I sold all my positions but my losses weren't too great. (10K since November). I 'm really glad to be out of the Market as I think this is only the beginning. The US, ASIAN & EUROPEAN markets have really only just started their decline.

In some ways I think we are very lucky, because our Market seems to have been the first to receive a severe flogging. When the rest of the world starts to follow we may see massive losses unlike anything we've seen before.

Until recently I've been one of those saying "the fundamentals are still good". I still believe that but I've become sceptical of the market and think it's confidence is currently at an all time low which means prices will continue to tumble for some time yet.

I think we will be looking at a short term future where "cash is king" again and the days of cheap money are gone.



I currently don't have the balls to go short because the Market is so unpredictable. Good luck to those who do.


----------



## panikhide (22 January 2008)

I would hope that if you've held on for this long then you would continue to hold and ride it out.
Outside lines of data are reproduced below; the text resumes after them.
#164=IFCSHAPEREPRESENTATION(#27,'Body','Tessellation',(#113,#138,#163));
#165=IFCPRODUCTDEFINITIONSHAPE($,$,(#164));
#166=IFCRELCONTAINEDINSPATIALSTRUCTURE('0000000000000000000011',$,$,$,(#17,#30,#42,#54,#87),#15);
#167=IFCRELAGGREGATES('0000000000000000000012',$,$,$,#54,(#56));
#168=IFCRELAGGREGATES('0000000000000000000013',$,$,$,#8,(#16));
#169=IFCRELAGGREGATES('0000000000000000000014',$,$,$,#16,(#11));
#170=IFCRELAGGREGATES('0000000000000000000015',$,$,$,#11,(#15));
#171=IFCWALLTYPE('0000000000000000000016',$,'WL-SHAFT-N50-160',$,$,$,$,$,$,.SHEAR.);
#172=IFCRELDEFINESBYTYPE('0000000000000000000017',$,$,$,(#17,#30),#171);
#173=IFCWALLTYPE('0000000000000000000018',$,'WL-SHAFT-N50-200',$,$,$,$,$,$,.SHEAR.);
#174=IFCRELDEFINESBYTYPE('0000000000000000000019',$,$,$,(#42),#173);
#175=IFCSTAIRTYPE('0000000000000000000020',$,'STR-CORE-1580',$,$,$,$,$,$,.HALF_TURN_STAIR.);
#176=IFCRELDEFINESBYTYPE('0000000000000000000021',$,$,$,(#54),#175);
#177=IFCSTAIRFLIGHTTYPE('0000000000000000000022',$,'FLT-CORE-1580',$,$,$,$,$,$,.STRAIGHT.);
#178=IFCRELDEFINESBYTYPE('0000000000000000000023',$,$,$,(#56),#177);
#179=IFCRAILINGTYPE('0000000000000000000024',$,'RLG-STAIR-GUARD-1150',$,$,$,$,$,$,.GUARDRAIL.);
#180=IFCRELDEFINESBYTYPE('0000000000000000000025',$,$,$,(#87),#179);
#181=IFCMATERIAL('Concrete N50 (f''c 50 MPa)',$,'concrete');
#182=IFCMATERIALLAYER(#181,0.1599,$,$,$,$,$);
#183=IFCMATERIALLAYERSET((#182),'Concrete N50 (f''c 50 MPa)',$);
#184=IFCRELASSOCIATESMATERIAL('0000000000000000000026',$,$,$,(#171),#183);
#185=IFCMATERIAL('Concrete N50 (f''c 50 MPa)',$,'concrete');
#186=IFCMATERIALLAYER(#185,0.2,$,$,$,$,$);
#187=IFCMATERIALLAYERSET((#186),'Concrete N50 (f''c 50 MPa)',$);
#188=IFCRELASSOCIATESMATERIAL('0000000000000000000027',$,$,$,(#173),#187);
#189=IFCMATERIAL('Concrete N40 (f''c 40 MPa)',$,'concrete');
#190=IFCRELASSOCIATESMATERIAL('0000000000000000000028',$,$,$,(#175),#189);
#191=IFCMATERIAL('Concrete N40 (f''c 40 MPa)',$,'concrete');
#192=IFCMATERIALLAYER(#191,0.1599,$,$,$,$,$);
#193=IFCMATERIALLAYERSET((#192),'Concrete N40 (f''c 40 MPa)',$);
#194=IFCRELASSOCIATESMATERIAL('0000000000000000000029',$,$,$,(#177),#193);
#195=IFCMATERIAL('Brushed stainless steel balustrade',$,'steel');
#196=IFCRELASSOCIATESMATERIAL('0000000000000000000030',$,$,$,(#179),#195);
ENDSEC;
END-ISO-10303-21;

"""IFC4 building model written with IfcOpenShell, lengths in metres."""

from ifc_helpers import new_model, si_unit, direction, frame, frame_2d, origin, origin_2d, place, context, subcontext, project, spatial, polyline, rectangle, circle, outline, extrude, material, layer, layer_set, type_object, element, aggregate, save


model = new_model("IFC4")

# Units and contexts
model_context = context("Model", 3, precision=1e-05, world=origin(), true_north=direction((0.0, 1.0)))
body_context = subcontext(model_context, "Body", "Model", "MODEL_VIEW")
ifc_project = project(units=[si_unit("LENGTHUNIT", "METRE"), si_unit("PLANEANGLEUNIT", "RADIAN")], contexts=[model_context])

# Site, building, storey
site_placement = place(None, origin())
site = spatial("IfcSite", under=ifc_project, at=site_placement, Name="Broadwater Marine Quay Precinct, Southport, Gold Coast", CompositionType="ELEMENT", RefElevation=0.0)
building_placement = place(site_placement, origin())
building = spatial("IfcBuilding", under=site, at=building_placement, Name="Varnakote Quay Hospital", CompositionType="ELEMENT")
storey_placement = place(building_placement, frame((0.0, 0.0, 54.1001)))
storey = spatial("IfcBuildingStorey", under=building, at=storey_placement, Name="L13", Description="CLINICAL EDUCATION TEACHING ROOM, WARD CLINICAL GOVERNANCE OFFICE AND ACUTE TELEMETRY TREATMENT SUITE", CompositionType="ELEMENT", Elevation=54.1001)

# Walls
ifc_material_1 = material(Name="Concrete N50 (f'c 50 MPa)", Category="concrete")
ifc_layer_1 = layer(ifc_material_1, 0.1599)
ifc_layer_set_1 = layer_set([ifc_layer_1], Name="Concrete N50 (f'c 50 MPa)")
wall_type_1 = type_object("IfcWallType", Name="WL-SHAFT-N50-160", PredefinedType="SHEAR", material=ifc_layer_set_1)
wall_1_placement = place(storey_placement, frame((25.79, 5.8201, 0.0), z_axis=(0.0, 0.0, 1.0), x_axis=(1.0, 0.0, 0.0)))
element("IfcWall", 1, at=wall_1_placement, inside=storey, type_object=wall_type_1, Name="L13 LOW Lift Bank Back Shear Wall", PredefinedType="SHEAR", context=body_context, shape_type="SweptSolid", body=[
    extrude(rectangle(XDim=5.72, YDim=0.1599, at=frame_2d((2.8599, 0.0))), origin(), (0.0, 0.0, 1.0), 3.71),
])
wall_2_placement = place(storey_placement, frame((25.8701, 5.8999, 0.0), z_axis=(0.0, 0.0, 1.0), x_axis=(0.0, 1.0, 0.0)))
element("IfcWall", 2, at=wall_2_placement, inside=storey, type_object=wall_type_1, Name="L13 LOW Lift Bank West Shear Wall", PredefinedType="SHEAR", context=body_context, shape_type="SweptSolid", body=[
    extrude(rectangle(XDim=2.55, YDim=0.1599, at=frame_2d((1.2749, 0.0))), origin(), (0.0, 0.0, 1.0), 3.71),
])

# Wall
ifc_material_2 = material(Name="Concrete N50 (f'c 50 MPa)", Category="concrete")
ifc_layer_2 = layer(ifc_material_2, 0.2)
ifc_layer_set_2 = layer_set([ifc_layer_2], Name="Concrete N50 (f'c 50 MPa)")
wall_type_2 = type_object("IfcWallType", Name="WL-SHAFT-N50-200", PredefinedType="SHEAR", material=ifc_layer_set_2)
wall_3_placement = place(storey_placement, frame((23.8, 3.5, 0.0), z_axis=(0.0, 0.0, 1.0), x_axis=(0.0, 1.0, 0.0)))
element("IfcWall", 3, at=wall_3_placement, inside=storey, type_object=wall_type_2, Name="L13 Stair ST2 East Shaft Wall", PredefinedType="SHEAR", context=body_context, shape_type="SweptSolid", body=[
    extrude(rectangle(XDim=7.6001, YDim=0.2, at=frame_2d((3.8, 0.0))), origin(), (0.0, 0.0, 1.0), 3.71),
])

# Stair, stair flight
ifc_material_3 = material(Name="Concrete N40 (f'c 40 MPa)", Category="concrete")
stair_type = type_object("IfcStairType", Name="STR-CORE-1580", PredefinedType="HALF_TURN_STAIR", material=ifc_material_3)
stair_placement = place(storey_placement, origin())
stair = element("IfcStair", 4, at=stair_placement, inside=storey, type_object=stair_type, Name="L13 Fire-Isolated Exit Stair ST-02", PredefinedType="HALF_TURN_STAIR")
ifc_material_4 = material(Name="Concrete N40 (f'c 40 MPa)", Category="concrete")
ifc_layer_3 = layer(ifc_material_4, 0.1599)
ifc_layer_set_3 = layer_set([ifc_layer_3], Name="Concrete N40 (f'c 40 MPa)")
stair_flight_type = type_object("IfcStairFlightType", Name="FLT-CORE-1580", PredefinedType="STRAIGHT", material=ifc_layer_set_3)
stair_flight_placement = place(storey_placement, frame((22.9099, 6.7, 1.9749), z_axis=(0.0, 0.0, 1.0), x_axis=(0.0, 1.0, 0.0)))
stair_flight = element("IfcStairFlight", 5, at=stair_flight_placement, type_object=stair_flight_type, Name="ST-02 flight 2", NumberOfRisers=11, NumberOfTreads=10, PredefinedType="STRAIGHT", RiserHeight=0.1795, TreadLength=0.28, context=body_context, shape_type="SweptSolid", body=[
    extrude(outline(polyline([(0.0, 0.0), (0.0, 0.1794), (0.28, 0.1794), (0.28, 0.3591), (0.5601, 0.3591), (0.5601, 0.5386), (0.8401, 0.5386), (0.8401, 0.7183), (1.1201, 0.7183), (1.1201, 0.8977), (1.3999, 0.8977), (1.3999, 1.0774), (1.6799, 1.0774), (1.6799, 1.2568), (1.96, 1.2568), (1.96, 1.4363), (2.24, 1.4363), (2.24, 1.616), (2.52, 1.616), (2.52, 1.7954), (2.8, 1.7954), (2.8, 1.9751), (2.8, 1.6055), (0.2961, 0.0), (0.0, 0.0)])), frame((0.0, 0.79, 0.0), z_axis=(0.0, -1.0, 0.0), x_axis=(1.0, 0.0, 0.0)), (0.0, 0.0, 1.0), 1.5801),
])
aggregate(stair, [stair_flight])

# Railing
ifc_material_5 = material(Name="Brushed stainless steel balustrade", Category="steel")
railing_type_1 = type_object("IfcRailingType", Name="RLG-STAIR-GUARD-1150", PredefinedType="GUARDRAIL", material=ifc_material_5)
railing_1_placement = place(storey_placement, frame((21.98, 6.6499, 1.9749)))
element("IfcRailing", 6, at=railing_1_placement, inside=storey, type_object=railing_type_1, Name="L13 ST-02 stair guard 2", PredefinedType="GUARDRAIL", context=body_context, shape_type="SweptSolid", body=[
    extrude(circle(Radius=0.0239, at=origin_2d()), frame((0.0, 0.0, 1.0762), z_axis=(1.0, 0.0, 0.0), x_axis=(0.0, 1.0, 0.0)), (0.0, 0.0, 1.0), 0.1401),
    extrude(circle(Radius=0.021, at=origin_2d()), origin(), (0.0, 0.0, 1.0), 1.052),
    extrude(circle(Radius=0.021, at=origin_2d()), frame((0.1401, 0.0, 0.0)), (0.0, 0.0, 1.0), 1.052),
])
What I can't understand is that there would be people out there who voluntarily sell at this stage of the downturn.


----------



## Trembling Hand (22 January 2008)

Uncle Festivus said:


> The market can stay irrational longer than you can stay solvent (or words to that effect).




That's the one to remember. athough it was said about margin trading.


----------



## Bruza (22 January 2008)

Like most here I am holding, fairly new to it as well & didn't have stop losses in place, (figured to be in a year to feel around).

To add extreme pain, when I finally got onto ComSuc my portfolio showed I'd lost EVERYTHING!

It's got to be a glitch, got to be.


----------



## wildmanchris (22 January 2008)

So someone tell me if im right on this - im not that smart.

The NASDAQ closed friday at 2340 - and the future value as per bloomberg is 1781.  Does this mean the future is pointed to a far bit more downwards?


----------



## tronic72 (22 January 2008)

panikhide said:


> I would hope that if you've held on for this long then you would continue to hold and ride it out. What I can't understand is that there would be people out there who voluntarily sell at this stage of the downturn.




Hi Panikhide,

I've seen a lot of people with similar posts to yours so I thought I'd explain why.

I've been, "trading down". By that I mean, I've been selling when my profits or losses are small. Then buying back when the stocks have taken a dive. Then I sell again at a small profit or loss. By doing this, I keep my losses to a minimum and have actually been able to make a profit on some of my CFDs. 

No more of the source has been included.